If the client specifies tools, models, data sources, or system environments, the client is responsible for their permissibility, availability, data quality, and licensing unless Tertia has expressly assumed this responsibility.
Maintenance, monitoring, model updates, retraining, support, and further development are owed only if expressly agreed in a separate service contract. Without a separate agreement, Tertia's service obligation ends with acceptance and handover of the agreed work products.
Section 5 Remuneration and payment terms
Remuneration is charged as a fixed price according to the individual offer unless another form of remuneration is expressly agreed.
Unless otherwise agreed, invoices are due for payment without deduction within
[PAYMENT TERM, e.g. 14 DAYS] after receipt of the invoice.
All prices are net prices plus statutory VAT unless Tertia is not required to charge VAT or another arrangement is expressly agreed.
If the client is in default of payment, Tertia may withhold further services until due amounts have been settled. Statutory rights in case of default remain unaffected.
External costs, especially license fees, API usage fees, hosting costs, third-party subscriptions, model costs, or fees for additional tools, are included in the fixed price only if expressly agreed in the offer.
Section 6 Client cooperation duties
The client provides all information, system access, test data, approvals, and other cooperation reasonably required for the performance of the project in a timely manner.
The client appoints a professionally authorized contact person who coordinates questions, consolidates feedback, and may grant approvals.

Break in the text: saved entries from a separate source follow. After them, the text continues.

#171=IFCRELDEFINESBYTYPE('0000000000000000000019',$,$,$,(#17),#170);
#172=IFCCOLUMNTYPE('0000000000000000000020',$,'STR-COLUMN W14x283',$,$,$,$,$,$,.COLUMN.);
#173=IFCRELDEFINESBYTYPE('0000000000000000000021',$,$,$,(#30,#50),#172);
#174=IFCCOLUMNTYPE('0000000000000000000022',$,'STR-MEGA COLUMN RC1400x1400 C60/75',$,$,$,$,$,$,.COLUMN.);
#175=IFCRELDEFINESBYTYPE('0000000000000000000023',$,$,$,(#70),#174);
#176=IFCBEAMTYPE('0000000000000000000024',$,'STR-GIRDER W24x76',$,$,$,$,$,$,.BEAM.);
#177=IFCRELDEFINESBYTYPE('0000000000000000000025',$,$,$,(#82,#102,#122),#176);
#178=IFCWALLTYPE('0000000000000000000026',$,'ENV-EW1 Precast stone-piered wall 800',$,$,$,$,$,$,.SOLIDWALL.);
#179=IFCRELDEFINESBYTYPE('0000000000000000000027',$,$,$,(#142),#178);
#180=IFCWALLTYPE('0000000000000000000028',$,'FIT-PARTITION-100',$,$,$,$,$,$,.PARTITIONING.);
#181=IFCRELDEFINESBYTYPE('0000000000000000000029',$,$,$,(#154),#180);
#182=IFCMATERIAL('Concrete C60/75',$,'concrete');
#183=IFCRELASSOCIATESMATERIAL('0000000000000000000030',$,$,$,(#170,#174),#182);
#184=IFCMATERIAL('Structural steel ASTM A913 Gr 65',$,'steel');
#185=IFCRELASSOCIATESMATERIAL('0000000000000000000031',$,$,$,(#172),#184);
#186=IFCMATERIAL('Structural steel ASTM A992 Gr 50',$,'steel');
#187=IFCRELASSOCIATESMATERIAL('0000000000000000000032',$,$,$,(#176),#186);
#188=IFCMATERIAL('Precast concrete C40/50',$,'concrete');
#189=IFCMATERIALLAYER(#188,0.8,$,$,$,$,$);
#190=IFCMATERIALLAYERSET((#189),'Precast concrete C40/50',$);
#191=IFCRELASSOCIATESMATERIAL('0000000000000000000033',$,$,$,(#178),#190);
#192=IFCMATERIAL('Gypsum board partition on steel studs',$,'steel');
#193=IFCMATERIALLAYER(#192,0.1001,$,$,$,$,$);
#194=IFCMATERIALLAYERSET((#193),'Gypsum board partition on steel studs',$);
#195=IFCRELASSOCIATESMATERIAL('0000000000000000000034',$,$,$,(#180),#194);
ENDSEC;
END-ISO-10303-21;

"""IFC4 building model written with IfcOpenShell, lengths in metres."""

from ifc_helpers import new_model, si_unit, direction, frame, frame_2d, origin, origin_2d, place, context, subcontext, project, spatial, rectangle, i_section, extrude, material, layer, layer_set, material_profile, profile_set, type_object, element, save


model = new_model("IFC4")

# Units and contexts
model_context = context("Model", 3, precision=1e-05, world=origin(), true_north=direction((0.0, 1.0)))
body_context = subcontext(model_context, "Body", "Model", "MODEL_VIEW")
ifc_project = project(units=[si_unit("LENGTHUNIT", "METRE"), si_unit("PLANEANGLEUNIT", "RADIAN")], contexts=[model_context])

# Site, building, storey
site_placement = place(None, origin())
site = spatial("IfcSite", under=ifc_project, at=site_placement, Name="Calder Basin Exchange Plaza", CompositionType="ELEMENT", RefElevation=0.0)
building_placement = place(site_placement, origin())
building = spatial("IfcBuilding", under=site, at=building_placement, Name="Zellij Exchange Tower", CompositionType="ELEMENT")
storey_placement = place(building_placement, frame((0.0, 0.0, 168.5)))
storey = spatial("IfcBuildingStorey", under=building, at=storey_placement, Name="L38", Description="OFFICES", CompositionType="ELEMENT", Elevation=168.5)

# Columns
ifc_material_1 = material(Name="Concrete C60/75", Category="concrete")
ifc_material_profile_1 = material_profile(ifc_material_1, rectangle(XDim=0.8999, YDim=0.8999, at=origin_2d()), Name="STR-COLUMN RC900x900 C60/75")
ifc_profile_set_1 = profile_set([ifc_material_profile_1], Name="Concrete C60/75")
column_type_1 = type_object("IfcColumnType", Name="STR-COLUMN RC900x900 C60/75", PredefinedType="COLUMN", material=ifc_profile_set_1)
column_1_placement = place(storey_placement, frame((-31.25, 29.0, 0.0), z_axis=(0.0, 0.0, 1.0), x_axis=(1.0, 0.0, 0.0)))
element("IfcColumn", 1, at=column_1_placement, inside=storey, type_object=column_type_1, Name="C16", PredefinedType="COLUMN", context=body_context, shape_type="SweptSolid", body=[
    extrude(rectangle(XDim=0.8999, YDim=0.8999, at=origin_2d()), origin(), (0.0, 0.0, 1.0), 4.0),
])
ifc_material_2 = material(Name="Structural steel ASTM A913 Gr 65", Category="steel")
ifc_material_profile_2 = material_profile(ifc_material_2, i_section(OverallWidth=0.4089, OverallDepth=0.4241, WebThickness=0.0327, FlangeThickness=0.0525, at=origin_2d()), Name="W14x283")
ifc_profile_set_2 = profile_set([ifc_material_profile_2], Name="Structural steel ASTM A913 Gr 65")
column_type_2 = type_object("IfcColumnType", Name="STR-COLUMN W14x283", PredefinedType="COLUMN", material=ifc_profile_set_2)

The client is responsible for the correctness, completeness, lawfulness, and usability of the content, data, processes, credentials, and systems provided by the client.

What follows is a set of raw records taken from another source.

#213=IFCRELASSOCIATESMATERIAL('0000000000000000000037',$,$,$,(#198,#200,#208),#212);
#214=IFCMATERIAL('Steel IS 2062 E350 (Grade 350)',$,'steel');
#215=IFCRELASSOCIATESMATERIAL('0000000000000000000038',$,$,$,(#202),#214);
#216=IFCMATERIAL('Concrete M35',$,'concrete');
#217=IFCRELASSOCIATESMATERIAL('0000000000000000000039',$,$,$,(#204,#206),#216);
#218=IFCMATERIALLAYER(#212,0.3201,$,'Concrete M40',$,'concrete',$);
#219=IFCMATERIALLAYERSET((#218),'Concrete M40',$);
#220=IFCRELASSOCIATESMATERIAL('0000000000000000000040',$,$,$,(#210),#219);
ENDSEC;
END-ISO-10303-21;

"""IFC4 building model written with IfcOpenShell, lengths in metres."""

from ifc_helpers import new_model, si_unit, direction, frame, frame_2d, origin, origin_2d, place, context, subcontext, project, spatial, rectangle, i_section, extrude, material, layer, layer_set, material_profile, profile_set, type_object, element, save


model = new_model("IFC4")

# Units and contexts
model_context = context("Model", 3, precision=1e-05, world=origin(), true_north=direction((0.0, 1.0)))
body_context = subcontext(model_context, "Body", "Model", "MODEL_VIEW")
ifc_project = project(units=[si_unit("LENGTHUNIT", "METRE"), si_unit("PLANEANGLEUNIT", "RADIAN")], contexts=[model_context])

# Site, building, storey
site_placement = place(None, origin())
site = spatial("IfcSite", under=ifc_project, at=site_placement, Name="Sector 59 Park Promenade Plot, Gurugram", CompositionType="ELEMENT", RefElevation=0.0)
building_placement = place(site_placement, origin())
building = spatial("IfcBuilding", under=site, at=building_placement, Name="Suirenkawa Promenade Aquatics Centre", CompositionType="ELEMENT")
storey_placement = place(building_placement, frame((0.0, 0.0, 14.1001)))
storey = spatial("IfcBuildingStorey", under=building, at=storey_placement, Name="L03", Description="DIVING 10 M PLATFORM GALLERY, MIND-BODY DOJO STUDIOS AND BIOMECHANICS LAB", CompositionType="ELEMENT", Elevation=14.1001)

The client is responsible for checking whether the intended use of the delivered solution is compatible with applicable statutory, regulatory, employment-law, data-protection, and industry-specific requirements. Tertia checks these requirements only where expressly agreed.
Delays, additional effort, or restrictions caused by missing, late, incomplete, or incorrect cooperation are borne by the client where the client is responsible and Tertia has announced the additional effort in advance or it is obvious.
Section 7 Dates and deadlines
Delivery dates and project periods are set out in the offer or order confirmation. Dates are binding only if expressly designated as binding.
Delays caused by missing cooperation, subsequent change requests, disruptions at third-party providers, force majeure, illness, official measures, labor disputes, security incidents, or other circumstances outside Tertia's area of responsibility extend the timeline appropriately.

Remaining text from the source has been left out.